# Sussex England Match



## beejaybeeohio (Feb 16, 2017)

Finally got a match to an ongoing in place since 2/16.  It's for the Lidsey Farmhouse Annex RCI#BY24 in Bogner Regis. 1 Bedroom which is fine since we are 2.  Looks okay.

Pros: 
+Timeframe is ideal as it fits perfectly between disembarking from a cruise in Rome and 8 days later embarking on a transatlantic cruise out of Southampton.
+We've not been to that area of England.
+We'd have 25 TPUs remaining if we take this trade. Assuming we can get another week (or maybe 2) out of the remaining points the price per night is @$70 US.

Cons:
-Seems to be a bit far from places we'd like to visit e.g. Stonehenge & Highclere Castle.
-Reviews report it's cold at times and we will be there late October.

I would appreciate all comments, suggestions and advice. 

Thanks!


----------



## Pompey Family (Feb 17, 2017)

You'll be in a nice part of the country, not too far from us . Bognor Regis is a traditional seaside town but has gone downhill since it's glory days but just outside of it, where you will be, is some glorious countryside. Nearby Chichester is an upmarket medieval town with plenty of old historic buildings and monuments to see. There is also the Fishbourne Roman Palace nearby which is excellent if you are interested in Roman history, https://sussexpast.co.uk/properties-to-discover/fishbourne-roman-palace

Bognor Regis to Stonehenge will only be a 1.5 hour drive on mainly good, fast roads if you do want to see it, Highclere is 1hr 20 mins. If you leave after the rush hour then the journey should be pretty uneventful however the A34 at rush hour can be a nightmare likewise the M27. The train from Bognor to London Victoria is less than 2 hours.

Going the other direction Brighton is just over an hours drive. Plenty to see there and the place has a nice atmosphere. A bit further is Hastings where you can visit Battle Abbey and the site of the Battle of Hastings, you can drive there but I would prefer to take the train from Bognor.

Also within close reach is Winchester, the ancient capital of England where, amongst other great sights, is King Arthur's Round Table http://www3.hants.gov.uk/greathall.

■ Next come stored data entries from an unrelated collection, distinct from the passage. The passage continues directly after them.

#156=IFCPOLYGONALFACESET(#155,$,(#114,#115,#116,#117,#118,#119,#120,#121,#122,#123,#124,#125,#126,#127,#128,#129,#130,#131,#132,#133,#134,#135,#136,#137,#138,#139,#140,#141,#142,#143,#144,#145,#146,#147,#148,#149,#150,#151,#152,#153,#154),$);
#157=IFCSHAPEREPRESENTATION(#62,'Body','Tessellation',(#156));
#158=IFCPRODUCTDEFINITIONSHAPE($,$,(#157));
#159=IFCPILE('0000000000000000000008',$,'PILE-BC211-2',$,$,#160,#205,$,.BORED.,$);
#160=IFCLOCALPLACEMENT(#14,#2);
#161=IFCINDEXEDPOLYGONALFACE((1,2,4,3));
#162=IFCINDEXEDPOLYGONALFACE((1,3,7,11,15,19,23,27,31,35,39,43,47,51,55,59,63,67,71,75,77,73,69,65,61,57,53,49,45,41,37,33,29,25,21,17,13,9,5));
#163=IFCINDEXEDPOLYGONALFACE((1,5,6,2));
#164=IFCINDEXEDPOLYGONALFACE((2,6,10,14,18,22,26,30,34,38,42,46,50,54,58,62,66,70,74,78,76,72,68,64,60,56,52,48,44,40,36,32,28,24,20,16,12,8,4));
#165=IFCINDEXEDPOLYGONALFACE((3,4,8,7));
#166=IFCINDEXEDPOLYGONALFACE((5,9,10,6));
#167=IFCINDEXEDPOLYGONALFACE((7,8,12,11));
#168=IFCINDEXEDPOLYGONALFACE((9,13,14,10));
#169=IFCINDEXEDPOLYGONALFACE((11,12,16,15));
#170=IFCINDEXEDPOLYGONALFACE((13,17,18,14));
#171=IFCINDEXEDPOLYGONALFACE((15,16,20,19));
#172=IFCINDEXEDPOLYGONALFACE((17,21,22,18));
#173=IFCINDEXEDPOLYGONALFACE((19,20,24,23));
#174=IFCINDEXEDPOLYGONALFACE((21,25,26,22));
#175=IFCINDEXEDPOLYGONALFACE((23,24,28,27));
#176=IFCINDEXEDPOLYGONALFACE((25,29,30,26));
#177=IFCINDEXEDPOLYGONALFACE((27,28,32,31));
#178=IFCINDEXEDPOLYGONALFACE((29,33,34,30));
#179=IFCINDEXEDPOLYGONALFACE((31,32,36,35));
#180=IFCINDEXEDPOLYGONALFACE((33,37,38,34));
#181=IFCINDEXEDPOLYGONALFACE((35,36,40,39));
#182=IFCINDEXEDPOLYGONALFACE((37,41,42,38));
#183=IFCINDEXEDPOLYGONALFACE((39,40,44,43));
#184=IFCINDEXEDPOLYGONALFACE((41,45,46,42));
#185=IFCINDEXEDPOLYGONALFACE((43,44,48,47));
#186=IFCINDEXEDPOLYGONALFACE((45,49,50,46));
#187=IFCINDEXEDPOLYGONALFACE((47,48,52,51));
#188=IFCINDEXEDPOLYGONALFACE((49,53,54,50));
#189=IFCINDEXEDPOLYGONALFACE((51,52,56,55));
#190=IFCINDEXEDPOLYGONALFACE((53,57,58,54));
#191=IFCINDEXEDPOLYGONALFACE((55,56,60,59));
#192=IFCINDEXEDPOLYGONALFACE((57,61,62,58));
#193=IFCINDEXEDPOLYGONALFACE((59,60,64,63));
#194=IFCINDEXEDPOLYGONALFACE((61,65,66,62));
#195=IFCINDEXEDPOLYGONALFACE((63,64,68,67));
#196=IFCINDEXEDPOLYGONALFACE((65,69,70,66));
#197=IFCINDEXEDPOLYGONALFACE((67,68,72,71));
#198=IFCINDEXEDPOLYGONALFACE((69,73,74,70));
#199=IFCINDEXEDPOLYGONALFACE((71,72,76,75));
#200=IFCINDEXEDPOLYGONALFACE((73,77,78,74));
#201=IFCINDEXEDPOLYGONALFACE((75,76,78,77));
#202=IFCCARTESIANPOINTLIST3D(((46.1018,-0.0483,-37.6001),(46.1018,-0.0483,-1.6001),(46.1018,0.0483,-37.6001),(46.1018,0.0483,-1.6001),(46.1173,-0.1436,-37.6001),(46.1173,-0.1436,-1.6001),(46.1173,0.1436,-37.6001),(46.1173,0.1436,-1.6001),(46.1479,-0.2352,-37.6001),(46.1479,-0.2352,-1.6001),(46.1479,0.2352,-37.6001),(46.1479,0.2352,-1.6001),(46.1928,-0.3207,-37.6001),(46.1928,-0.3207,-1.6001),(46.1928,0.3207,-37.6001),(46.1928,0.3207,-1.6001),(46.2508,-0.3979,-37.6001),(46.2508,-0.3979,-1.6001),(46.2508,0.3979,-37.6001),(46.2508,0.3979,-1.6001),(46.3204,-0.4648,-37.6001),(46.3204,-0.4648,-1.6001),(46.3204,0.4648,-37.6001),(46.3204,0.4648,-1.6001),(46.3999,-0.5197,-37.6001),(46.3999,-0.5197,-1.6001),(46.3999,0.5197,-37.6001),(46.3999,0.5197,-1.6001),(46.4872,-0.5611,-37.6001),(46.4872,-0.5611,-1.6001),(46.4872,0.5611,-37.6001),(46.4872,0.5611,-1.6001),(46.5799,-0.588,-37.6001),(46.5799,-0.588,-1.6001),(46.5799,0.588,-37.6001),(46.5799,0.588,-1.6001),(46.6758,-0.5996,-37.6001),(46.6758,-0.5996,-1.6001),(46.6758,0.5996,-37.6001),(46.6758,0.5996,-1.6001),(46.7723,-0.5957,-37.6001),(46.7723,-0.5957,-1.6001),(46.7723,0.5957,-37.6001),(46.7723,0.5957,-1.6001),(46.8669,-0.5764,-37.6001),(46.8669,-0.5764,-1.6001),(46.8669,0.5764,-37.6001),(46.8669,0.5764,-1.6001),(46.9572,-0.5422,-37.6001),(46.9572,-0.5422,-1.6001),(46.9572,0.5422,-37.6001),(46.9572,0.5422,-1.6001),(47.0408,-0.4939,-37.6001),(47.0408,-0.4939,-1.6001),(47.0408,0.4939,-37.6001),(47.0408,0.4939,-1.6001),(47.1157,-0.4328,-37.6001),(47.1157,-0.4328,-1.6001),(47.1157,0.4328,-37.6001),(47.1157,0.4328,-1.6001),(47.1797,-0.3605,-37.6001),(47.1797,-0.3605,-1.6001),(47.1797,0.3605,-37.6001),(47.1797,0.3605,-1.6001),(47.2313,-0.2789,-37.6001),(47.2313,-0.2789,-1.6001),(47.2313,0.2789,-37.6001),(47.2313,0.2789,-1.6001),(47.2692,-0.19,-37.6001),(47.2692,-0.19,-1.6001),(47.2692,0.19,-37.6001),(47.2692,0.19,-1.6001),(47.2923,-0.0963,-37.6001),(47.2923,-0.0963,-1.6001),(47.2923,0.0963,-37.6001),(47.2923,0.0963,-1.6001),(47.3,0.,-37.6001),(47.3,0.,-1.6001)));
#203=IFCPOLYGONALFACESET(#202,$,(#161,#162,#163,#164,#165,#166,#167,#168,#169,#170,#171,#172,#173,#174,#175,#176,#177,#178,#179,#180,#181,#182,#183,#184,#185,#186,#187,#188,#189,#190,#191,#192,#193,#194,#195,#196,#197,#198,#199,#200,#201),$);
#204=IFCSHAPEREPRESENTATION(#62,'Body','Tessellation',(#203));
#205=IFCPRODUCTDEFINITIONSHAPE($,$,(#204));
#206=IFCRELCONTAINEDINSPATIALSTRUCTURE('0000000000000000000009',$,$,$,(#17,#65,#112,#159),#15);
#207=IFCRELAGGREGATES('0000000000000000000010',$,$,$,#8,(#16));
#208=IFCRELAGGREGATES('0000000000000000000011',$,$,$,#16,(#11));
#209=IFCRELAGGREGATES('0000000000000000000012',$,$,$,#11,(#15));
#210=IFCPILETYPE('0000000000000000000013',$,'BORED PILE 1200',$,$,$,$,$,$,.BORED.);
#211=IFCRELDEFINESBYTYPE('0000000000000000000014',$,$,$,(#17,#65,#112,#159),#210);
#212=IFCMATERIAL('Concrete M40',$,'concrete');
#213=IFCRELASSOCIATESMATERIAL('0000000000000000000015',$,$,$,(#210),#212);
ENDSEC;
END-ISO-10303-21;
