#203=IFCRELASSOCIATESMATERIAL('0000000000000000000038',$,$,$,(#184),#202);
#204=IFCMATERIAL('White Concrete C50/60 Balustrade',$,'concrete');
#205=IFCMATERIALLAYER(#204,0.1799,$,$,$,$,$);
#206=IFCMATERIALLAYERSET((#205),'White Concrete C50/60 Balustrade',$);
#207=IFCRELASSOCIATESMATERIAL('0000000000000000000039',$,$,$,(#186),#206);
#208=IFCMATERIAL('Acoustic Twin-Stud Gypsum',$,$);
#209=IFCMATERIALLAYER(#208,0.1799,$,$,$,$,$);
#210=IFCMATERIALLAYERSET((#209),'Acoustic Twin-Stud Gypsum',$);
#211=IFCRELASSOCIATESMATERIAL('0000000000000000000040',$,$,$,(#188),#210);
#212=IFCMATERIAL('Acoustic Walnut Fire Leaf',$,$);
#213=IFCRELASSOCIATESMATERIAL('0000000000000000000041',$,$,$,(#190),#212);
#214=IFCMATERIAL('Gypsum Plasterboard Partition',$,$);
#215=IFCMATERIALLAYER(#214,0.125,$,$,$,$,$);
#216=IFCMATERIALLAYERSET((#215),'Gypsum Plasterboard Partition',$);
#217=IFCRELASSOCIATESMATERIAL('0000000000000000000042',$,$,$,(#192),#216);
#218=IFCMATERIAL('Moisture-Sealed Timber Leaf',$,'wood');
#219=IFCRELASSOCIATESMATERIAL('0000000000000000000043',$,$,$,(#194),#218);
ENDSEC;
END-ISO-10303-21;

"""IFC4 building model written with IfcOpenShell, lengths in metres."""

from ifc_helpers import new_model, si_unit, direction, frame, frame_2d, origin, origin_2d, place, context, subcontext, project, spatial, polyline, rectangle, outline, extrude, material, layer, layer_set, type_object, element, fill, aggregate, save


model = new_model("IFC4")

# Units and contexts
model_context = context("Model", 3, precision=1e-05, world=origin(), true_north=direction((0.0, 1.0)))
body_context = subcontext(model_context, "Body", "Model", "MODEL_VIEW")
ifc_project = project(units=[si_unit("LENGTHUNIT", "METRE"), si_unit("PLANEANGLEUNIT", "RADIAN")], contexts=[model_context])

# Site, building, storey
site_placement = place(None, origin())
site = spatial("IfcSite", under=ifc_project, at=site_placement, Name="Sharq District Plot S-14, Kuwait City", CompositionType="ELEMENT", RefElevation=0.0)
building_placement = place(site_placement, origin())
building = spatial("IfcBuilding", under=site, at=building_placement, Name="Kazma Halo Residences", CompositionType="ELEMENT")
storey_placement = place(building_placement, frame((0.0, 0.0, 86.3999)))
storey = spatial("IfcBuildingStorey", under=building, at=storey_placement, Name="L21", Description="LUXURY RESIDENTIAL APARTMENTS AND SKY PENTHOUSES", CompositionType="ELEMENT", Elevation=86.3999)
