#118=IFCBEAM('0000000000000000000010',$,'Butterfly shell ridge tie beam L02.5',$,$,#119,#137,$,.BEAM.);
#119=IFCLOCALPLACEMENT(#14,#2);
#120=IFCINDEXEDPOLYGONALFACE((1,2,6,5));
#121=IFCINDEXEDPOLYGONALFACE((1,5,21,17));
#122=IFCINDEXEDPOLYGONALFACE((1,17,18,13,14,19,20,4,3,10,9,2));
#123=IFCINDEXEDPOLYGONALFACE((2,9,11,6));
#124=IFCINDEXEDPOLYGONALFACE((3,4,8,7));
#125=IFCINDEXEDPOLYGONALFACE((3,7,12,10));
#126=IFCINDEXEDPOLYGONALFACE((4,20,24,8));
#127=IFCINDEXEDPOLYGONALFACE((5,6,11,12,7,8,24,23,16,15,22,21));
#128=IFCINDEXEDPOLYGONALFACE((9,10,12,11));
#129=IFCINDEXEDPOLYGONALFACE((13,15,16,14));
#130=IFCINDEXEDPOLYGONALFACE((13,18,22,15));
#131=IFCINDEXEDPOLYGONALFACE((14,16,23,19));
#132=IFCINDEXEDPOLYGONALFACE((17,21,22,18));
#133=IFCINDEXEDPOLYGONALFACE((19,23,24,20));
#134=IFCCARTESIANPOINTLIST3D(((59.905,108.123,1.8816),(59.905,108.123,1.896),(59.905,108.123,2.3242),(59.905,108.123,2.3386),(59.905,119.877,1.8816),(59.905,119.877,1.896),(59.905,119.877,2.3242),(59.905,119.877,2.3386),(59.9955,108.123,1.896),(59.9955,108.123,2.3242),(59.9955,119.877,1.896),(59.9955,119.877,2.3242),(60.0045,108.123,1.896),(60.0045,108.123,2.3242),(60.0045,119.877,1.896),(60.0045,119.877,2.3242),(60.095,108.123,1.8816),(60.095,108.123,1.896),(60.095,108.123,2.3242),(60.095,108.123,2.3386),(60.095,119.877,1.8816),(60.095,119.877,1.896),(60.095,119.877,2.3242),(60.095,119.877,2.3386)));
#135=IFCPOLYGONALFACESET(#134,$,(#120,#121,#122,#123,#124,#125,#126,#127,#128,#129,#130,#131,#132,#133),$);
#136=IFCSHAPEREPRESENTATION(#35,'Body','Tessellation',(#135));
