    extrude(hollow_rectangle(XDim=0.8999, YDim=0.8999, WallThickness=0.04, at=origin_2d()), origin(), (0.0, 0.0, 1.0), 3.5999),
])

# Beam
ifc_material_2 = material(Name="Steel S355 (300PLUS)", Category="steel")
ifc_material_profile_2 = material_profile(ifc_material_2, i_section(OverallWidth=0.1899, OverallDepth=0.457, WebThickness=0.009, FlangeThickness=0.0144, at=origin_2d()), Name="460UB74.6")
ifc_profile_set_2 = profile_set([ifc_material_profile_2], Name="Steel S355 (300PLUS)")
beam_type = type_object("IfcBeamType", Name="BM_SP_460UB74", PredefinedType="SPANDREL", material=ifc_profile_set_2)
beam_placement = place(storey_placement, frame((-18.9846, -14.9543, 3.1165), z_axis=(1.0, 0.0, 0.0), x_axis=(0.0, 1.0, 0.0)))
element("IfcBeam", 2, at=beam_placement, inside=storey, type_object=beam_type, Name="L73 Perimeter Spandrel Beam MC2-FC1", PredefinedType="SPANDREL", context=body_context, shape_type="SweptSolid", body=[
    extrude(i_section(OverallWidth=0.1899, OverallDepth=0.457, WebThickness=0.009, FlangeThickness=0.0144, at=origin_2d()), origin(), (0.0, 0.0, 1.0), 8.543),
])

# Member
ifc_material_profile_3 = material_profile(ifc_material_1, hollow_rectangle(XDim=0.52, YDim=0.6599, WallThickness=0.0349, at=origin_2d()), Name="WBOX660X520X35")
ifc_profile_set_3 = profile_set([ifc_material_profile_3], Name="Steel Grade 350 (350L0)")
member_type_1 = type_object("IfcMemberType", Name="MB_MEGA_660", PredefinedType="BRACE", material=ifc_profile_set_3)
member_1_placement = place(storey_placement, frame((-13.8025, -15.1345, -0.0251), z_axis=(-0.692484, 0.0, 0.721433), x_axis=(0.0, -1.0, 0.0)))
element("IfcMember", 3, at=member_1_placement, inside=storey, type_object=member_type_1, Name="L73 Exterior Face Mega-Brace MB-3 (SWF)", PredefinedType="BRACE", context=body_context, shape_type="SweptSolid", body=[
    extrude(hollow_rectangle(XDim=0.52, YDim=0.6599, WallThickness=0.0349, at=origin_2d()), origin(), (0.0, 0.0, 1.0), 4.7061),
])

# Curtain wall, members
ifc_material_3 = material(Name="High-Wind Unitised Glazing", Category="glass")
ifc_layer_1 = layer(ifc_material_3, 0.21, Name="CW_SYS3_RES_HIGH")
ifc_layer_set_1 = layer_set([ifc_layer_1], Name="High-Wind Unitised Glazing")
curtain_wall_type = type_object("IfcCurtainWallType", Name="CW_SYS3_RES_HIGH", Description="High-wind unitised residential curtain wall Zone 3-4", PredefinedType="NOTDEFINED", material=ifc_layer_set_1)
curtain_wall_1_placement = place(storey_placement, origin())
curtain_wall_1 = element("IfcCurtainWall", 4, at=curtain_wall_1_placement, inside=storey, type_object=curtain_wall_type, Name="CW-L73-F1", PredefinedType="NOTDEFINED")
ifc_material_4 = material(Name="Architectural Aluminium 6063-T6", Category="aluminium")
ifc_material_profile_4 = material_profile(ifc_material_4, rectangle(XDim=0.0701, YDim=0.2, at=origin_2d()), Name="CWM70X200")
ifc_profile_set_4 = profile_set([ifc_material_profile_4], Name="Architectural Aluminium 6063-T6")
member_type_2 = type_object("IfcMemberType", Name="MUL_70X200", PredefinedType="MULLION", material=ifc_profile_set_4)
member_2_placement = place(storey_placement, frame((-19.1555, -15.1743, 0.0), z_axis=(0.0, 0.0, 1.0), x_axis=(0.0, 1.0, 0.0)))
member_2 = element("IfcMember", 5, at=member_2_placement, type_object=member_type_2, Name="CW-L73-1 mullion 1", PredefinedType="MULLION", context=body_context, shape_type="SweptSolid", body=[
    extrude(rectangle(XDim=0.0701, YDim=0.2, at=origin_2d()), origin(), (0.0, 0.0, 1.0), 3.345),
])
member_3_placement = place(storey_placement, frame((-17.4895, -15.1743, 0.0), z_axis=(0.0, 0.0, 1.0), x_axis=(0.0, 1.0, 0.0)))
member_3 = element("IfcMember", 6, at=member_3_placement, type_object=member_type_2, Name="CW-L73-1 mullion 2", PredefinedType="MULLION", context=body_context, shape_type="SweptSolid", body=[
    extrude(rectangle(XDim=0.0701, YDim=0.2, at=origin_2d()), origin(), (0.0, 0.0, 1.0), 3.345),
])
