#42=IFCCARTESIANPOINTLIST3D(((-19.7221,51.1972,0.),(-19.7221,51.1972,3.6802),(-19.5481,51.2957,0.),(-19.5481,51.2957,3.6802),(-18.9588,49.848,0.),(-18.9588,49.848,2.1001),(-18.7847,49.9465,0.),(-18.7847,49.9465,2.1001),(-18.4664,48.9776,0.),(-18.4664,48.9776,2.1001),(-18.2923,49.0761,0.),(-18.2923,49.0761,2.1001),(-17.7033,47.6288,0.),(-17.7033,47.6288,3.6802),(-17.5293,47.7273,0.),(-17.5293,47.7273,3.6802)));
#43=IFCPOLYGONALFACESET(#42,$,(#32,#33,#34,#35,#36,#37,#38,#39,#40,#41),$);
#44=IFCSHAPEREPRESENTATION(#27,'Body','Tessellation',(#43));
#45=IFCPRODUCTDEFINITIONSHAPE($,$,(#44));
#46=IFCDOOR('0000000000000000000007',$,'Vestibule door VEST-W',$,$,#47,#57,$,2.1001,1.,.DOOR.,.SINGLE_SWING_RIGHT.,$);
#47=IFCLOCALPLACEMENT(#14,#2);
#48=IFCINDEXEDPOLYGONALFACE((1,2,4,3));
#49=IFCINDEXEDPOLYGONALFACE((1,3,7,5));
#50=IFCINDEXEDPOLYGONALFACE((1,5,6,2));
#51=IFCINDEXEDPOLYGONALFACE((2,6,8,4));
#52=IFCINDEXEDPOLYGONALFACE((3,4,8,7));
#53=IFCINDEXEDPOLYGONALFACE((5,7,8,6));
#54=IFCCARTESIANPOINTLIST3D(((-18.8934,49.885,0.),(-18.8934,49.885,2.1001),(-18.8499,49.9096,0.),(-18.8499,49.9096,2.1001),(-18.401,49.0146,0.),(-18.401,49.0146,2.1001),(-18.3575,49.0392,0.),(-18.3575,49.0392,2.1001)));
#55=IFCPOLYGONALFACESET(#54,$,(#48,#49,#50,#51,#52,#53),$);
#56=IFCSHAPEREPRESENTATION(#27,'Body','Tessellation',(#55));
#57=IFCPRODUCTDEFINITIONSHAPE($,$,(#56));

The great city of Portsmouth  is a 50 minute drive from Bognor where Charles Dickens was born (you can visit his birthplace) and the Historic Dockyard houses some magnificent ships such as HMS Warrior, HMS Victory and the Mary Rose. The new Mary Rose museum is a fantastic exhibition and well worth visiting http://www.historicdockyard.co.uk/. If you have a look on Groupon there are often discounted tickets for the dockyard.

I also love Portchester Castle, on the outskirts of Portsmouth overlooking the harbour, a small but well preserved Norman (mostly) castle. http://www.english-heritage.org.uk/visit/places/portchester-castle/

From Portsmouth (or Southampton) you can take the ferry or hovercraft to the Isle Of Wight. Osborne House (Queen Victoria's holiday home) is a great attraction and is more interesting than Highclere in my opinion (unless your sole reason for visiting is Downton Abbey) http://www.english-heritage.org.uk/visit/places/osborne/

Depending on your interests and what you intend visiting it may be worth investing in an English Heritage pass for overseas visitors, a 9 day 2 adult pass costs £52 and will grant entry to all English Heritage sights for no additional payment http://www.english-heritage.org.uk/visit/overseas-visitors/. Stonehenge, Osborne House and Portchester Castle are all English Heritage sights so visiting those three alone will more than recoup the cost of the pass. Here's a list of the English Heritage sites closest to Bognor Regis http://www.english-heritage.org.uk/visit/places/#?category=Property&theme=&page=1&place=bognor regis

I also like Arundel Castle which is a 20 minute drive from Bognor http://www.arundelcastle.org/

If you like walking then the South Downs has many walking trails and many cosy pubs to finish up in https://www.southdowns.gov.uk/enjoy/explore/walking/

A 2 hour drive west will take you to the Purbeck coast in Dorset (en route you will travel through the picturesque New Forest national park) which is known as the Jurassic Coast due to the abundance of fossils there. There are some fantastic walks there along with quaint villages and traditional pubs.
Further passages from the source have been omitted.